I found the first sentence of your letter rather intriguing. "Do other mothers do this & are other fathers dealing with this situation?" The implication here is that it is a gender related thing and I wonder why you might think it as such. Don't some fathers use sarcastic tones and facetious statements too?  Is this a gender issue or is it perhaps a power and control issue. My instinct tells me that you and your wife have some power and control issues that may be manifesting themselves in the raising of your children. 

If this is the case, perhaps you need marital counseling. If either you or your wife are doing things that have had harmful effects to your daughters, marriage counseling can make the transition to family counseling. One thing for sure; when it comes to raising kids, mothers and fathers need to be on the same page. A lot is at stake RR and I would make sure that you and your wife can both do good and consistent parenting.

happy(andinconsistentlyconstistent)shrink

 

Dear Happy,

Edna's got this wild idea about selling duct tape and making a fortune. I think you better talk to her. She's quit her job and here is the ad she took out in the Circle K weekly newspaper"

She's set up a stand at the entrance to the Trailer park and she says she's already sold 3 cases of duct tape. Can you imagine?

JeWitch

Dear JeWitch,

Yes I can imagine when I realize that she probably sold a case each, to Bubba, DUI and the Earl. I think her selling days will be over soon and she'll go back to being a WalMart greeter.

happy(I'llgetmyownbuggythankyouverymuch)shrink

 

And last but not least, some humor from Judiblueye:

A baby was born who was so advanced, he could talk. He looked around the delivery room and saw the doctor. "Are you my doctor?" he asked. "Yes, I am," said the doctor. The baby said, "Thank you for taking such good care of me during the birth." He looked at his mother and asked, "Are you my mother?" "Yes, I am," said the mother. "Thank you for taking such good care of me before I was born,"he said. He then looked at his father and asked, "Are you my father?"

"Yes, I am," his father answered.

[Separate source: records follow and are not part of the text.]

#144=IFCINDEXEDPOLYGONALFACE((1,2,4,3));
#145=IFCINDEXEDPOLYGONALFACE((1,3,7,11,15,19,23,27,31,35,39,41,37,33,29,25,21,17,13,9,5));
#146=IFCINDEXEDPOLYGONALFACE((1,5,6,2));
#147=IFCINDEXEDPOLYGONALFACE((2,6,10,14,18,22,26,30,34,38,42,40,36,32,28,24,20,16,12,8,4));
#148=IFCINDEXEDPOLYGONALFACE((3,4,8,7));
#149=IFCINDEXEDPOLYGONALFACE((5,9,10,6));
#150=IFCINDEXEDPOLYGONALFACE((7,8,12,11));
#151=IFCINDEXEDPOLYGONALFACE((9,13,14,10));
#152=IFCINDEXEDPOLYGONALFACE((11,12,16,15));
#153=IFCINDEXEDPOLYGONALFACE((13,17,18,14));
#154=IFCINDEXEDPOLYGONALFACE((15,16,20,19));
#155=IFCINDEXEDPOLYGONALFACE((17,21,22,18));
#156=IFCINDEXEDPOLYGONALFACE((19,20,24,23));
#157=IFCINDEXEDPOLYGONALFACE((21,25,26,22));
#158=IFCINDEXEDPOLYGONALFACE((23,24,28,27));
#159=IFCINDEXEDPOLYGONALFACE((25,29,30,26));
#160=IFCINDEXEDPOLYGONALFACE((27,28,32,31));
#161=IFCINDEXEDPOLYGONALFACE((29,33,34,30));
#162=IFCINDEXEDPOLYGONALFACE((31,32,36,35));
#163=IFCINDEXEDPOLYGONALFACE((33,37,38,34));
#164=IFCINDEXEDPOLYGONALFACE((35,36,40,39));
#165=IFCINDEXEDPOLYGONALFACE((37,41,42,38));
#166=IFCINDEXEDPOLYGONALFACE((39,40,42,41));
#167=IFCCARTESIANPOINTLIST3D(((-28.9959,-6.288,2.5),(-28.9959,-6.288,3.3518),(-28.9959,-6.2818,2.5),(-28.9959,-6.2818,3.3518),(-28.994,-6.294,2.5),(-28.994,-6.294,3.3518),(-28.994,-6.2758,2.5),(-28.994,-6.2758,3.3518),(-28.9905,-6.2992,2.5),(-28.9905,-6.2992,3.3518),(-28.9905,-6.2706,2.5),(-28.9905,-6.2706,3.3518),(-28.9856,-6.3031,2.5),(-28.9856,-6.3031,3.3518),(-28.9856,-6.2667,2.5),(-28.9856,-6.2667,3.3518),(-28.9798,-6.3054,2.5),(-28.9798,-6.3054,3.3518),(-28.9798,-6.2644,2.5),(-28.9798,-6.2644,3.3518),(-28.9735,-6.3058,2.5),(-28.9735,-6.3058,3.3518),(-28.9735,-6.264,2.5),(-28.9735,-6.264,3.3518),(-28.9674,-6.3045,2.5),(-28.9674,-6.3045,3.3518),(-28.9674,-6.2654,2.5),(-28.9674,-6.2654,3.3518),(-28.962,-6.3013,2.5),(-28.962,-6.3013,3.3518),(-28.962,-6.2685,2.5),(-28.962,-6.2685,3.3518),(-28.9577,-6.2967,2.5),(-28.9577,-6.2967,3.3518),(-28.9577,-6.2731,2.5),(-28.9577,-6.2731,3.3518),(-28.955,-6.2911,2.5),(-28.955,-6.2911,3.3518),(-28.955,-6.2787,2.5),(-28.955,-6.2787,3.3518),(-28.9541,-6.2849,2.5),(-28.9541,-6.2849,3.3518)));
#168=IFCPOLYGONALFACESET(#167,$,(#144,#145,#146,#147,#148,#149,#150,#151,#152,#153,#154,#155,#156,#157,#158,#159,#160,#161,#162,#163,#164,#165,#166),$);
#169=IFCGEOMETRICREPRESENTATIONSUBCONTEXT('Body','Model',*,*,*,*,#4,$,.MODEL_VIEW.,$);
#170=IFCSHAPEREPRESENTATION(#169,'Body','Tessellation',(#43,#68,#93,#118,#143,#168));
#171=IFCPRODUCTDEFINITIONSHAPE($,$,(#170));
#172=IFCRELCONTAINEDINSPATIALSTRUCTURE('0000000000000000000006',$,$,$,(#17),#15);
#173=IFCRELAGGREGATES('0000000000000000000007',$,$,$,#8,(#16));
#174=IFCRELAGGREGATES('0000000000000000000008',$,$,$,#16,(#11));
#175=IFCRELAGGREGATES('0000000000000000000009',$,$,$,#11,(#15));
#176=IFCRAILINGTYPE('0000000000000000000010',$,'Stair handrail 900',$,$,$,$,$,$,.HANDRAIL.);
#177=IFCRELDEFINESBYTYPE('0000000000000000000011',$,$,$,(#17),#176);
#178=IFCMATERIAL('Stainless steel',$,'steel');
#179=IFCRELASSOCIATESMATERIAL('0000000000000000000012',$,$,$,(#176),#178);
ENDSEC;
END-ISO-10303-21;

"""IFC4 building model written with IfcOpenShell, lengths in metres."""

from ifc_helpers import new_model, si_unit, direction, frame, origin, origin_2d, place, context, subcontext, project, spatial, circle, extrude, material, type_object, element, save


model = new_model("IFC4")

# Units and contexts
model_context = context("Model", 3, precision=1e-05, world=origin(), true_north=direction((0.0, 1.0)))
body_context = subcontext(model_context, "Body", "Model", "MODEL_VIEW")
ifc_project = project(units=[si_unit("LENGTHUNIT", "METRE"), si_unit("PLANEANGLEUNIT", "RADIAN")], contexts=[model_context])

The baby motioned him closer, then poked him repeatedly on the forehead with his index finger. "Hurts doesn't it!"

Enough poking for one day.

happy(wellmaybelater)shrink

 

Date: Sept 11-12, 2004  

Hello Happy,

I had a nightmare last night.  Or at least I think I did.  My husband woke me up and said I must have been having a bad dream.  As he was saying that and I was processing what he was saying, I was also realizing that I had been on the verge of waking up anyway because I heard some muffled screaming noises.  The noises were from me of course.  This kind of thing happens to me somewhat frequently. I take a big dose of Zoloft daily, I’m in weekly therapy, get through the torture and agony of EMDR, have a great job, and a score of external stressors to probably explain most of my other issues.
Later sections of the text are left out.